Education and Inspections Bill
1:00 pm

Photo of David Chaytor

David Chaytor (Bury North, Labour)

It would give me food for thought. However, I have phrased amendment No. 180 to take that point on board. Plucking out an arbitrary figure or percentage in Committee is probably not the best  way to proceed, which is why my amendment suggests that such matters should be dealt with by regulations under secondary legislation, because that would allow for a period of more careful consideration and consultation on what the right percentage should be.

My right hon. Friend the Minister’s explanation of why the Government considered a threshold and rejected it is probably sound. Arbitrary figures in such circumstances can lead to all kinds of unintended consequences. It is probably better to come to a judgment with all the evidence than to have a single trigger, because single triggers can vary by accident. For example, the expulsion of two children from a school would affect the threshold for the number or percentage of parents who could demand a new school. Such small, practical matters must be considered, which is why the issue would be dealt with better by secondary legislation.

I have spent most of the 20 or 30 years of my political life encouraging the voices of parents to get more of them involved in decisions on their children’s education and the overall planning of education in their local district. That is not easy. We should not overestimate the simplicity of such matters. I am arguing not against giving parents a voice, but in favour of balancing the voice of some parents with that of others and the wider community. We have to recognise that in planning a local education service, there needs to be an authority that takes on board the interests of all parents and children in the district—not only the interests of parents of children currently in school, but those of the next generation, looking 10 or 20 years ahead. We need an authority that can look not only at the current wider situation, but take longer-term decisions. Understandably, most parents are interested primarily in what happens to their own child, in their own school, for the period that that child is at that school. That is why I have put down markers pointing out that handing over supreme decision making to a small number of parents probably is not in the longer-term community interest.

Factors relevant to school performance also are at the heart of the amendments. The weakness in the Conservatives’ argument is that they start from a hugely ideological position that local education authorities are disastrous bureaucratic obstructions to the advancement of education in this country. Frankly, if that is their view, I am surprised that they are even fielding candidates in the local elections in two week’s time, but that is something that they will have to discuss with their own electorate.

Such a view defies the reality that, during the 136 years in which we have had some form of local education authority in the United Kingdom, the schooling system generally has advanced. Levels of achievement among our children have improved significantly—if they have not always improved year on year, they are certainly doing so now—and local authorities have played an important role in that. That is not to say that local authorities are the driving force behind the quality of education, or that there are not better and poorer local authorities, but to take as a  starting point a sweeping generalisation that local authorities are an obstruction and make no contribution whatever to the provision of quality education in a given area is non-credible.

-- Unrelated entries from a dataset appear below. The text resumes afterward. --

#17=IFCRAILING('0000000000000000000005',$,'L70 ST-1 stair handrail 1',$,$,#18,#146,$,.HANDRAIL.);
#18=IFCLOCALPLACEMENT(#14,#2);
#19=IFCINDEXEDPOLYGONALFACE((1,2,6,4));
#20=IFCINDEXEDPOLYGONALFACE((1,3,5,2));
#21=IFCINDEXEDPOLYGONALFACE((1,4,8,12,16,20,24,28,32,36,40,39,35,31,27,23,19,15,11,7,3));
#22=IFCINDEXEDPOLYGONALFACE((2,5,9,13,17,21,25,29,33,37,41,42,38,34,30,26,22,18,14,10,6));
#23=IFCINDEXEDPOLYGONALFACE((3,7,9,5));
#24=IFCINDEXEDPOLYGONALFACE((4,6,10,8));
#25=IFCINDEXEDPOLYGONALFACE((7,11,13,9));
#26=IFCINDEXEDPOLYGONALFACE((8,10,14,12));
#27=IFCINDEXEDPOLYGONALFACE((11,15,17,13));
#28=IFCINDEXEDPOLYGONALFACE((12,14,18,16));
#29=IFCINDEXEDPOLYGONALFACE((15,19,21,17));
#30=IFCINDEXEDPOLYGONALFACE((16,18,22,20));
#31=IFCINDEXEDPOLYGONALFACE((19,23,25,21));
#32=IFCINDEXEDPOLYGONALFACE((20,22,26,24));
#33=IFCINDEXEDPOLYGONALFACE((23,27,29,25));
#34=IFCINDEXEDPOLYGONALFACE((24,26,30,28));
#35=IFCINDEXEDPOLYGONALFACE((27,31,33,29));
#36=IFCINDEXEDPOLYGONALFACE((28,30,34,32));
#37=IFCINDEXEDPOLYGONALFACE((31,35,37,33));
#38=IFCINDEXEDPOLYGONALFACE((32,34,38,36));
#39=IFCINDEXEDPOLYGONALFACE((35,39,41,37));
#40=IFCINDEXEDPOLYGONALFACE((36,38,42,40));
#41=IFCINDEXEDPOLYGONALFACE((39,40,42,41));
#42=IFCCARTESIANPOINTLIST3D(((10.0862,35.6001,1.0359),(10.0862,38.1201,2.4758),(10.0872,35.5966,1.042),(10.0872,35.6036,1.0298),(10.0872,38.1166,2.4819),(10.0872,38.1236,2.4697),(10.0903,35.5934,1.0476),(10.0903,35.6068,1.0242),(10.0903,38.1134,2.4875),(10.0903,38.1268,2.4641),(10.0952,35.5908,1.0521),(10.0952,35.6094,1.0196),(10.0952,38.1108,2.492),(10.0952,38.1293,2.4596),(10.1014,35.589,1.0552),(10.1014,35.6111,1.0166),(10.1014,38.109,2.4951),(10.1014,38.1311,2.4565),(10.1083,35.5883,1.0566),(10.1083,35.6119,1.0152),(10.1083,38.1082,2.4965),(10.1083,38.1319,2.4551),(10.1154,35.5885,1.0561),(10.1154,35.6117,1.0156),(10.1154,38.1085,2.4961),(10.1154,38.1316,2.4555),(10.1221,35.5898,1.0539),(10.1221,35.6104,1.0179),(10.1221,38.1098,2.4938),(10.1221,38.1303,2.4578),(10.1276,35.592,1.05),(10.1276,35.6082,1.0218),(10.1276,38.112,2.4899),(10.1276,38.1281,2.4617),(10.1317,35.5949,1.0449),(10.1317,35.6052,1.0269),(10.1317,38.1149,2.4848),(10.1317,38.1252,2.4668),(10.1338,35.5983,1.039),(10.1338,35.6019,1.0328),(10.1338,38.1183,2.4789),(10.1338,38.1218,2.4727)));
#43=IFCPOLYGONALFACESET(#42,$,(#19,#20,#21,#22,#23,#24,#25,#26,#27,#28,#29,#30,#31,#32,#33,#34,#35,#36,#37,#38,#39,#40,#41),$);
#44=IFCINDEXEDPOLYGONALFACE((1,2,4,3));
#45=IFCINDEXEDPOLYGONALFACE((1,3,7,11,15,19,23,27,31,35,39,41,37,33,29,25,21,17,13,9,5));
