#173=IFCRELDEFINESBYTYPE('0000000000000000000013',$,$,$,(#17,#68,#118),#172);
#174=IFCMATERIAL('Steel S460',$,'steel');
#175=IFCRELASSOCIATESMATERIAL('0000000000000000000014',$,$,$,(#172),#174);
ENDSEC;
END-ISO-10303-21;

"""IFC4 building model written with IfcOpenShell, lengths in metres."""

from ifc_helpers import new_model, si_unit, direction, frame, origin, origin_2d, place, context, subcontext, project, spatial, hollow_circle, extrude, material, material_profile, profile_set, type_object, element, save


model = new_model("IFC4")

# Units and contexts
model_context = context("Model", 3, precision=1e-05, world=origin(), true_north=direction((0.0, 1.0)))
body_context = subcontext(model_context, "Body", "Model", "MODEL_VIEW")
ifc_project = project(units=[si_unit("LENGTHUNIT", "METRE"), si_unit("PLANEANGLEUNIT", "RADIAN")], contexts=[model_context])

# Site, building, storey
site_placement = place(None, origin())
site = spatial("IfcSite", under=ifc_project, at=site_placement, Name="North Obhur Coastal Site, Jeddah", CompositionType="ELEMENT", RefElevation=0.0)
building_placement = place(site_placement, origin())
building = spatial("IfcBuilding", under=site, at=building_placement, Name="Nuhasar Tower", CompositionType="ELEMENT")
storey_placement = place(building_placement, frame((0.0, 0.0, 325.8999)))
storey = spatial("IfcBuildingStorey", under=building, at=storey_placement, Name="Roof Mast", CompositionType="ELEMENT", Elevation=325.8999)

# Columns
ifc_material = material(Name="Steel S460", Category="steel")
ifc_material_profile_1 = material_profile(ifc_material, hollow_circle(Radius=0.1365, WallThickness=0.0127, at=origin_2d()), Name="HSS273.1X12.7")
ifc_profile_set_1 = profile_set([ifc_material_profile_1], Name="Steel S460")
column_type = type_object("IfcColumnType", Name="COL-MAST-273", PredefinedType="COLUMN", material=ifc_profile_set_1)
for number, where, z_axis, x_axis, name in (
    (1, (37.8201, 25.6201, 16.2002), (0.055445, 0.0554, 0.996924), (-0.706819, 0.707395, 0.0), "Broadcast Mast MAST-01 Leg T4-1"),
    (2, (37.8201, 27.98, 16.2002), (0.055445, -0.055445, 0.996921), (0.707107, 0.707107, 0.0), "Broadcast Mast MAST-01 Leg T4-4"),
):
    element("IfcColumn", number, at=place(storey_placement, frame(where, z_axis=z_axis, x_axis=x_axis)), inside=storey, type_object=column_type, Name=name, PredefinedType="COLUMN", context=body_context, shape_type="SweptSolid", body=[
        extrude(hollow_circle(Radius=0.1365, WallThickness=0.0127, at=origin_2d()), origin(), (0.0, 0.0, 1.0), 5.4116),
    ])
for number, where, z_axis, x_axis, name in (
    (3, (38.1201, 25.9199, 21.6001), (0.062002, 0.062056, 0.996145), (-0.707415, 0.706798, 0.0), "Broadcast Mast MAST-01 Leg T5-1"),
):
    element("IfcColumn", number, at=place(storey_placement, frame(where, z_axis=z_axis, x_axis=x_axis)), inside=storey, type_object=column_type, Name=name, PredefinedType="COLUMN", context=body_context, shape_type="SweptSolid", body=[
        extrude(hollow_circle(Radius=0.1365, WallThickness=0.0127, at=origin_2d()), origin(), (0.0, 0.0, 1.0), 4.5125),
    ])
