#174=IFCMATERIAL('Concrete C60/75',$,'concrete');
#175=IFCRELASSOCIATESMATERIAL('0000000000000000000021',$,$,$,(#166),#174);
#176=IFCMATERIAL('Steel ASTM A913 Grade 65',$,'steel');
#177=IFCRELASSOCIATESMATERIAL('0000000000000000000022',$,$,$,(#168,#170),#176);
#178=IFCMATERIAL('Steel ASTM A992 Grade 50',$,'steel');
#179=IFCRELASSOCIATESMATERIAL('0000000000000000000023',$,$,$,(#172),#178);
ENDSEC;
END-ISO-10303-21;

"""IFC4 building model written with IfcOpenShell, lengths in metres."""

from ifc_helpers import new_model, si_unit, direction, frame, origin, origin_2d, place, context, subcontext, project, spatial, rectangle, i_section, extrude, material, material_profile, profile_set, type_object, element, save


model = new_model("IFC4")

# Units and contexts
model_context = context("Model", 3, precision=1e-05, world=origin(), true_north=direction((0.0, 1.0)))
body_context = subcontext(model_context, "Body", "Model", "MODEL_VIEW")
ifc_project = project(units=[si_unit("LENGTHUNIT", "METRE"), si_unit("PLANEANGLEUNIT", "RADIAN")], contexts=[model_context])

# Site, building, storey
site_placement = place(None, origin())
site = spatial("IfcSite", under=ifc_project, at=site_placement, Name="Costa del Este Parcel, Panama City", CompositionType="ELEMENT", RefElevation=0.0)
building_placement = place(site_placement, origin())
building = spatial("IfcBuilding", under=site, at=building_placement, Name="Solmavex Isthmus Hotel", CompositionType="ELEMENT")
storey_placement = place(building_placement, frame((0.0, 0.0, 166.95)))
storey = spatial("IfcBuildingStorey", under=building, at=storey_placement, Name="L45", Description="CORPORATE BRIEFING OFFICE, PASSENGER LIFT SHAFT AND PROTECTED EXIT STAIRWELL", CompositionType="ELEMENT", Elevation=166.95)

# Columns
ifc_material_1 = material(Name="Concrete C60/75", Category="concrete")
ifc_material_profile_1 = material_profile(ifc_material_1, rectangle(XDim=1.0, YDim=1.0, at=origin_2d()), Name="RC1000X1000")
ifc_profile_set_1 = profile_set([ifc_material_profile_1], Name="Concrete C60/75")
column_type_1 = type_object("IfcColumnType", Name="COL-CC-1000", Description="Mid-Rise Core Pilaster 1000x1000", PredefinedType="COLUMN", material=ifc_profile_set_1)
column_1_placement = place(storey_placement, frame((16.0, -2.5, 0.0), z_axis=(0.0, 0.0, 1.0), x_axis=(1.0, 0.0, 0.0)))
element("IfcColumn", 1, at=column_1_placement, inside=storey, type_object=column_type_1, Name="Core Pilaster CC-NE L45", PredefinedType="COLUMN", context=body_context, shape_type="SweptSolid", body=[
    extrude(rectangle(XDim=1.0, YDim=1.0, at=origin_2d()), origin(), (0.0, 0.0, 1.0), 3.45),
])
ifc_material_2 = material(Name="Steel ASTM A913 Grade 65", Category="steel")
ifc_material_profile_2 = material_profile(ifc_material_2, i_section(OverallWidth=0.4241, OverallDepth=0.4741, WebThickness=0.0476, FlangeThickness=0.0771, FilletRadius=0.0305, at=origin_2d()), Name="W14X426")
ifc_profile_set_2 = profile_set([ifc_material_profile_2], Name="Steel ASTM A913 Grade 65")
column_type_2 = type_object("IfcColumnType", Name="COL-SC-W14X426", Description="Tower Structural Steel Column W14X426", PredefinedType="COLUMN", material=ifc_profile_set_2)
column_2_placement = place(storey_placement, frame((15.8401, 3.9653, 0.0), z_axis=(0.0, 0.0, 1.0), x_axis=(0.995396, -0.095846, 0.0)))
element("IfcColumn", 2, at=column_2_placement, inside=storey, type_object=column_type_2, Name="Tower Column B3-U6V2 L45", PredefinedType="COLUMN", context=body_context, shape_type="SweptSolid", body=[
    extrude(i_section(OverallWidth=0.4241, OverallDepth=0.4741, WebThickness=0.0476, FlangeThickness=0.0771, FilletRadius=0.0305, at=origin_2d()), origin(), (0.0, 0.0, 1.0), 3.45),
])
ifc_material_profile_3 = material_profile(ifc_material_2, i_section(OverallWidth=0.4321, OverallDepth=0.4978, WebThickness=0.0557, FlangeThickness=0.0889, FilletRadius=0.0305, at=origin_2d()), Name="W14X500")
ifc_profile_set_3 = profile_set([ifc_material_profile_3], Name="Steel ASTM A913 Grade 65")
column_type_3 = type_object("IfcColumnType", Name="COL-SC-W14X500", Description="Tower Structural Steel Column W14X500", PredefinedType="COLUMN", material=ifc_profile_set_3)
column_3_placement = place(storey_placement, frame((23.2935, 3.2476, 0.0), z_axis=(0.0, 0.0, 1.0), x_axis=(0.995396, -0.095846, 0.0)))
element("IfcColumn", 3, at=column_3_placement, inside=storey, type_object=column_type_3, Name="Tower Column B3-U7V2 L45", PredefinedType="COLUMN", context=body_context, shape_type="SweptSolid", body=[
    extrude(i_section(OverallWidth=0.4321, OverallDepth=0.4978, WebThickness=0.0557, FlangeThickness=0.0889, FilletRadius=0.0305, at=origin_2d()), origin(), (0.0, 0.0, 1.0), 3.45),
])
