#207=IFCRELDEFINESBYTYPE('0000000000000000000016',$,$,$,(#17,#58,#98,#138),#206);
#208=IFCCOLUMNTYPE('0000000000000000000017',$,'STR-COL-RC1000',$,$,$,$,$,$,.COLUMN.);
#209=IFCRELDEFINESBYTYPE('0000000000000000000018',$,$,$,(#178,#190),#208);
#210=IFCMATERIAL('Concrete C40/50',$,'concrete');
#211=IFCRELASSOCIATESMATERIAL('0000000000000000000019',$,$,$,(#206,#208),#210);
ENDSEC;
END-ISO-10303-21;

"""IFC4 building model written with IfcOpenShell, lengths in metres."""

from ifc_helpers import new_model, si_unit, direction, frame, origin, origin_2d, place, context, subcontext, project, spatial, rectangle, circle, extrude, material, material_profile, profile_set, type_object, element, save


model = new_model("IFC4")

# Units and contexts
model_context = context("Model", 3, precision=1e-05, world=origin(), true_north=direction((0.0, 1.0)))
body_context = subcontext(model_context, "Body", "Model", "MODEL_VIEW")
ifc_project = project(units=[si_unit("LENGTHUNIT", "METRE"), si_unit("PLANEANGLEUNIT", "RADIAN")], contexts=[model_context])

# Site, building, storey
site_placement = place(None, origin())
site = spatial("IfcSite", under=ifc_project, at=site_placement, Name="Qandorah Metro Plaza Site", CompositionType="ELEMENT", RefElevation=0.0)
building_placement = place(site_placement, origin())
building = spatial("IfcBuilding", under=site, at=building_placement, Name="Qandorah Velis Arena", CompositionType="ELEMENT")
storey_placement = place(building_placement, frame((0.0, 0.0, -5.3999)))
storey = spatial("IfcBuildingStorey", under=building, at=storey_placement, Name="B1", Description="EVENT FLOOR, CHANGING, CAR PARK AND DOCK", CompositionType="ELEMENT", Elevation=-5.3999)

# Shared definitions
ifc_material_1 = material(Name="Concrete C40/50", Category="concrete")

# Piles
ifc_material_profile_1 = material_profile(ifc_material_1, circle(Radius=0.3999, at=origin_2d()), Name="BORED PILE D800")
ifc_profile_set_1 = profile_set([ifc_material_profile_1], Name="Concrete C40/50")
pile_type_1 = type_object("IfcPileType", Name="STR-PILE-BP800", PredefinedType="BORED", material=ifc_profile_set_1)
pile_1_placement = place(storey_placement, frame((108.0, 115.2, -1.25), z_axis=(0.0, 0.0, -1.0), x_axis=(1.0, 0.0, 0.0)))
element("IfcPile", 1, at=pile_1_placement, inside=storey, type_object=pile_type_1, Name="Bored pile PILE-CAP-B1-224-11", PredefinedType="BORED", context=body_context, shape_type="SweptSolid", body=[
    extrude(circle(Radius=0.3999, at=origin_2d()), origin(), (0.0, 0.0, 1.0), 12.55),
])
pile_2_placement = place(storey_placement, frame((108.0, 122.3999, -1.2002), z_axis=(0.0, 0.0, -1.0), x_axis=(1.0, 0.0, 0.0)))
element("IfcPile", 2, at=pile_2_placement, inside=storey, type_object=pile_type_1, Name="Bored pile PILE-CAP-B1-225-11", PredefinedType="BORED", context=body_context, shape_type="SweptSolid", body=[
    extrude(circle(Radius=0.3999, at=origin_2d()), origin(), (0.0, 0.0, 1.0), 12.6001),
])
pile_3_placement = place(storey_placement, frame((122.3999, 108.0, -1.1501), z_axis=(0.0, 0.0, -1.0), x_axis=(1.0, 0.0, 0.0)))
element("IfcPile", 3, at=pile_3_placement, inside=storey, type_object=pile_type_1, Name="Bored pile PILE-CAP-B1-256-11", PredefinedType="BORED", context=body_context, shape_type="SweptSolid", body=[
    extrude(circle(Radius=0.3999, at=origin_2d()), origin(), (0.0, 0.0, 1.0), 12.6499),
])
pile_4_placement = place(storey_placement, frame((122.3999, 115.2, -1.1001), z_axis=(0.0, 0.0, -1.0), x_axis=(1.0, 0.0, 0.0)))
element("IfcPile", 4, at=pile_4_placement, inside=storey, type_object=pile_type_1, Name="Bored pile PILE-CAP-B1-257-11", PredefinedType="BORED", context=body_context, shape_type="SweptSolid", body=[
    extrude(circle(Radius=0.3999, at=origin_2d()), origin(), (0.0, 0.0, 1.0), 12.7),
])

If we look at Ofsted’s frequent thematic and annual reports, and its reports on individual schools, we do not find it drawing a hugely close relationship between the performance of an individual school and that of a local authority. The fact remains that there are many local authorities in the United Kingdom that in recent years have received extremely good Ofsted reports, but still contain schools that are in difficulties. Furthermore, there are many good local authorities in the United Kingdom that more recently have obtained extremely good reports from the comprehensive assessment conducted by the Audit Commission, but that still contain within their boundaries schools in great difficulties. It is a mistake to assume that there is a direct relationship between the quality of the local authority and that of the education in all the schools within that authority's borders.